President Bush has given the American people an account of his surprise trip to Baghdad. Just hours after his middle-of-the-night return to Washington, the president held a news conference at the White House.
President Bush says he was inspired to visit the capital of a free and democratic Iraq, and impressed with what he saw.
He told reporters he had some doubts as to whether Iraq's new leaders had the will to succeed. He said the only way to ease those doubts was to go to Baghdad and meet them face-to-face.
"Sitting here in America, wondering whether or not, these people have got what it takes creates some uncertainty," said Mr. Bush. "I have eliminated that uncertainty."
Speaking to reporters in the White House Rose Garden, the president repeated the promise he made to Iraqi Prime Minister Nouri al-Maliki and members of his cabinet. Mr. Bush said he assured them the United States stands with them.
"I was impressed with the prime minister and I am impressed by his team," he added. "I told him that America is a nation that meets its commitments and keeps its word. And that is what we are going to do in Iraq."

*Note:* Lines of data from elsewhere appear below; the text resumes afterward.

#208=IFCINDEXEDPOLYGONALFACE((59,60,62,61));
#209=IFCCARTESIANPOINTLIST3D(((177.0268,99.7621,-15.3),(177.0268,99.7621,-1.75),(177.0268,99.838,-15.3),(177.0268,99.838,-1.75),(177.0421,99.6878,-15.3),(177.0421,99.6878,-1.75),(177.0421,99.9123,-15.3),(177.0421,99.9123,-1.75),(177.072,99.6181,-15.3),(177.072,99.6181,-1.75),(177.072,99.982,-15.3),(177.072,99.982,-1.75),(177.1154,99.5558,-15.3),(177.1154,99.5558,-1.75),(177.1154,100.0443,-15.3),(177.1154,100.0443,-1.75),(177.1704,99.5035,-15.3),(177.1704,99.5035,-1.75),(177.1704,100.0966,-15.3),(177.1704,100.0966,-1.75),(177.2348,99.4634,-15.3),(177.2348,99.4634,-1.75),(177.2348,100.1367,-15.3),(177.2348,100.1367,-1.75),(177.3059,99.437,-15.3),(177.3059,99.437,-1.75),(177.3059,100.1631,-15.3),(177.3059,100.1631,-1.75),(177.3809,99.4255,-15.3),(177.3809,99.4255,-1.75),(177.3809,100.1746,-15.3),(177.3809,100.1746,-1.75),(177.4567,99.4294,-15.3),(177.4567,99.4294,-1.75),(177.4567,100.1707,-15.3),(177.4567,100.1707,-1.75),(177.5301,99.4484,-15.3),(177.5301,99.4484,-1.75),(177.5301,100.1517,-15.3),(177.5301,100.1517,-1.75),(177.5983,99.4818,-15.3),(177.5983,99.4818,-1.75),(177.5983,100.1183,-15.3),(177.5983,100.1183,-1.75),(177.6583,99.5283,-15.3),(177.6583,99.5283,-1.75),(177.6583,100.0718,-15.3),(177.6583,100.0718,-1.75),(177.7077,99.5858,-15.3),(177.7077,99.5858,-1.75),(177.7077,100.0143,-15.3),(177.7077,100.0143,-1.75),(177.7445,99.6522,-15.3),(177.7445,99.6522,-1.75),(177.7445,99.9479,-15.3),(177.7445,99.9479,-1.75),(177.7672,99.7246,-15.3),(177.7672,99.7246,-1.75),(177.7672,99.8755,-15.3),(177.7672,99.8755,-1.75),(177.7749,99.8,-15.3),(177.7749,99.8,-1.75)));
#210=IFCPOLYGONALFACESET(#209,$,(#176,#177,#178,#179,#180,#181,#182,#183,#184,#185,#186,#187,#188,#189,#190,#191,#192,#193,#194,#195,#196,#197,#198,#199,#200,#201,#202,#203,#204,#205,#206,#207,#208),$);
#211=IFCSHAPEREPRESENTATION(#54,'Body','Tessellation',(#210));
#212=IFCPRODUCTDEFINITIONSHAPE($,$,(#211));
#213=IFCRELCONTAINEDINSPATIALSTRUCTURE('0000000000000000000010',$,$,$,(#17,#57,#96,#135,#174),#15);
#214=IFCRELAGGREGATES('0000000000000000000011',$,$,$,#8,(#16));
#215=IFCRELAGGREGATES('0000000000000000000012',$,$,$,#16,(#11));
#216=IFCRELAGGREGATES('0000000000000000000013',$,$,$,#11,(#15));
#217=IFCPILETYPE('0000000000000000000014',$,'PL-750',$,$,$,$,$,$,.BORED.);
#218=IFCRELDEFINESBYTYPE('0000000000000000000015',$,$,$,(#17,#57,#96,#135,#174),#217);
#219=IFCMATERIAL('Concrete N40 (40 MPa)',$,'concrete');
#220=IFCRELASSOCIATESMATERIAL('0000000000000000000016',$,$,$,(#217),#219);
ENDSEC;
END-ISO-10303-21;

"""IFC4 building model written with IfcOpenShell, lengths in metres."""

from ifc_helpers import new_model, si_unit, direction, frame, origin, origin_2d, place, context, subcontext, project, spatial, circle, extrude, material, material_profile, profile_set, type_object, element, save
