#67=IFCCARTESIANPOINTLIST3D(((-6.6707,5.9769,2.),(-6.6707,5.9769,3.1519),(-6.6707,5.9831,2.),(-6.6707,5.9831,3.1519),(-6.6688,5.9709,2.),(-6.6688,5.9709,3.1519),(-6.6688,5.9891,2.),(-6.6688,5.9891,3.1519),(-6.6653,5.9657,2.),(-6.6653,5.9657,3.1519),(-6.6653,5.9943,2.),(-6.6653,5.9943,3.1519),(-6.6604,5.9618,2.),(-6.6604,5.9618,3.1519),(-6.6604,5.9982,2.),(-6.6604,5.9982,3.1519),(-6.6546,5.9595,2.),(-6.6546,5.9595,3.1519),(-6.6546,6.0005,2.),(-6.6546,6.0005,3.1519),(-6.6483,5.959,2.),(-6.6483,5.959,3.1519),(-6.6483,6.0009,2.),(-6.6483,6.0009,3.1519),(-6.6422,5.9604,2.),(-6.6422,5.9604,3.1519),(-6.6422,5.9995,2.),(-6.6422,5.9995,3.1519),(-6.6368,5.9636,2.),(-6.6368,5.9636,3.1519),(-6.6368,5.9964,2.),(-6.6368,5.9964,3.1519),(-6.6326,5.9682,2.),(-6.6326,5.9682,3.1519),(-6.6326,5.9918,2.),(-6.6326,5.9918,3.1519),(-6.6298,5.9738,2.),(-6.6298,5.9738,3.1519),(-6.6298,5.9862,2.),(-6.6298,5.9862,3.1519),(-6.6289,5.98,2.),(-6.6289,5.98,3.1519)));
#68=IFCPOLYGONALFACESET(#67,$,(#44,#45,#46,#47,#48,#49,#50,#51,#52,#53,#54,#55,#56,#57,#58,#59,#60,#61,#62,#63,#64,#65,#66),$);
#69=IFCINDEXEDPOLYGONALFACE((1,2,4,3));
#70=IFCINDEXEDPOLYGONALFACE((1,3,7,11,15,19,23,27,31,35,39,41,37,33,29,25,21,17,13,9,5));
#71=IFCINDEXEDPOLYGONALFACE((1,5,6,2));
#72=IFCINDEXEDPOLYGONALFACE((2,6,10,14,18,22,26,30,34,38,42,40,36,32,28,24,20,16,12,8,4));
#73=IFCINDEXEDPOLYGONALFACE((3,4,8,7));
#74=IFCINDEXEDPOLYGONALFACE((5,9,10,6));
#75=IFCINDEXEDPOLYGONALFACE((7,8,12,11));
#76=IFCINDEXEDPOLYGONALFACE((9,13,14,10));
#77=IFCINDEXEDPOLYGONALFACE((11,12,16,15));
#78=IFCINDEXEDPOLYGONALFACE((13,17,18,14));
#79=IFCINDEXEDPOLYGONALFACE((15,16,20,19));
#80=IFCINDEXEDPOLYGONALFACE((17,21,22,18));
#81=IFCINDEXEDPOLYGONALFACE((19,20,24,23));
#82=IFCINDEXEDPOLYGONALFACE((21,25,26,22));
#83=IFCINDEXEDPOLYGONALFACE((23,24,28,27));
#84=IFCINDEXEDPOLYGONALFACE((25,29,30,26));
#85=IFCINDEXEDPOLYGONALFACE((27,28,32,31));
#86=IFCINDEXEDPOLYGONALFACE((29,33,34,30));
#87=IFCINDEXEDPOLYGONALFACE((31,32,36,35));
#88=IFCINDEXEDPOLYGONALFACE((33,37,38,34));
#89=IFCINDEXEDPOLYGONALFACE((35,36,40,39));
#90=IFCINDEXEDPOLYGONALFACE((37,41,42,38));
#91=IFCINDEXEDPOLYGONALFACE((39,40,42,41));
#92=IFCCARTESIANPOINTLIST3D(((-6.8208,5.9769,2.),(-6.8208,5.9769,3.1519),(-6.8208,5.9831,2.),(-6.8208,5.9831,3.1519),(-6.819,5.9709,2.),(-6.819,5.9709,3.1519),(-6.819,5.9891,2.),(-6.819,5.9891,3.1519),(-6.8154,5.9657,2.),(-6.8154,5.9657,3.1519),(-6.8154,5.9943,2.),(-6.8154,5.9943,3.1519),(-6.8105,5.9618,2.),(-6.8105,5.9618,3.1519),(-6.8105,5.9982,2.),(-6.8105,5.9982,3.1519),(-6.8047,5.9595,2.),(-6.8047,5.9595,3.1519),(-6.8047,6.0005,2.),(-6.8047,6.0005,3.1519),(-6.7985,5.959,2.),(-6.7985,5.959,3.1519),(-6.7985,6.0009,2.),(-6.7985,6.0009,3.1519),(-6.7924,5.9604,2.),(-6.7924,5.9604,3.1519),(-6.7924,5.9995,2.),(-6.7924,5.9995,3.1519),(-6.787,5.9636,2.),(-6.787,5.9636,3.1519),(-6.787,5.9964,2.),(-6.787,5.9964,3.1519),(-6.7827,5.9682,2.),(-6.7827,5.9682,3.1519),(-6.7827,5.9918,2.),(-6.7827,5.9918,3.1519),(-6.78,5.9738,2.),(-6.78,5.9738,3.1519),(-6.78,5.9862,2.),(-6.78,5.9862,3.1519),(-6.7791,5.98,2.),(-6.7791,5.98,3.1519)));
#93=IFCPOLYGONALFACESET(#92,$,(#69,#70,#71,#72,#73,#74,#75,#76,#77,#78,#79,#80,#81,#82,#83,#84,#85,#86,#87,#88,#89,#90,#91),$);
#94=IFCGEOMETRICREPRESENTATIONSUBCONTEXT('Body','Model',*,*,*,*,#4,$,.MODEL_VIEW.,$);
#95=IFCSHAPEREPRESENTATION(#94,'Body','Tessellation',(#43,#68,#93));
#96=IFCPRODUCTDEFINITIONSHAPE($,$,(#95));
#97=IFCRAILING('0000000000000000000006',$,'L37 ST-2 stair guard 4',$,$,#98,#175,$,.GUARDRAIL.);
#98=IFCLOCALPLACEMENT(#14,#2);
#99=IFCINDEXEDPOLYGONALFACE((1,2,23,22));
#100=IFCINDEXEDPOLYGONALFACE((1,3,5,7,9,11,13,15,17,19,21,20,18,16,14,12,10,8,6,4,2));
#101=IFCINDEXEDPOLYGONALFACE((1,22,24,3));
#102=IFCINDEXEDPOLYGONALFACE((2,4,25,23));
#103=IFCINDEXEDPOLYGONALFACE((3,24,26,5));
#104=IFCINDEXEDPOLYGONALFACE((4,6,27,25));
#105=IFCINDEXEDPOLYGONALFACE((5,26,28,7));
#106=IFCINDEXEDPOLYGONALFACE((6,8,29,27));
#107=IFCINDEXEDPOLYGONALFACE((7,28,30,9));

The president said the Iraqi government is determined to succeed, and added that after visiting Baghdad, he is convinced it will meet its goals. But he admitted the challenges are huge. Mr. Bush said once again that violence in Iraq will never be completely eliminated. However, he quickly added it can and must be significantly reduced.
"….and the reason why it is important for the violence to be reduced is, obviously, one, to save lives, but also to give confidence to the Iraqi people that their government will be able to sustain itself and govern itself and meet the needs of the people," he noted.
The president was asked if a reduction in violence could lead to a drawdown in U.S. forces. He refused to make any commitments, saying any reduction in troops would be determined by the U.S. commander in Iraq, General George Casey, in conjunction with Iraqi defense officials.
He noted that during his visit General Casey provided an update on military matters in Iraq, including the stepped-up security operation just launched in Baghdad and the aftermath of the air raid that killed terrorist leader Abu Musab al-Zarqawi last week.
"He told me that Iraqi and coalition forces are still on the offense, that they launched a series of raids on terrorist targets across Iraq," Mr. Bush said. "We have got new intelligence from those raids that will enable us to keep the pressure on the foreigners and local Iraqis that are killing innocent lives."
Throughout the roughly hour-long question and answer session, the president appeared upbeat and showed little signs of fatigue, saying it was an exciting trip and that he appreciated the fact he was able to go to Baghdad.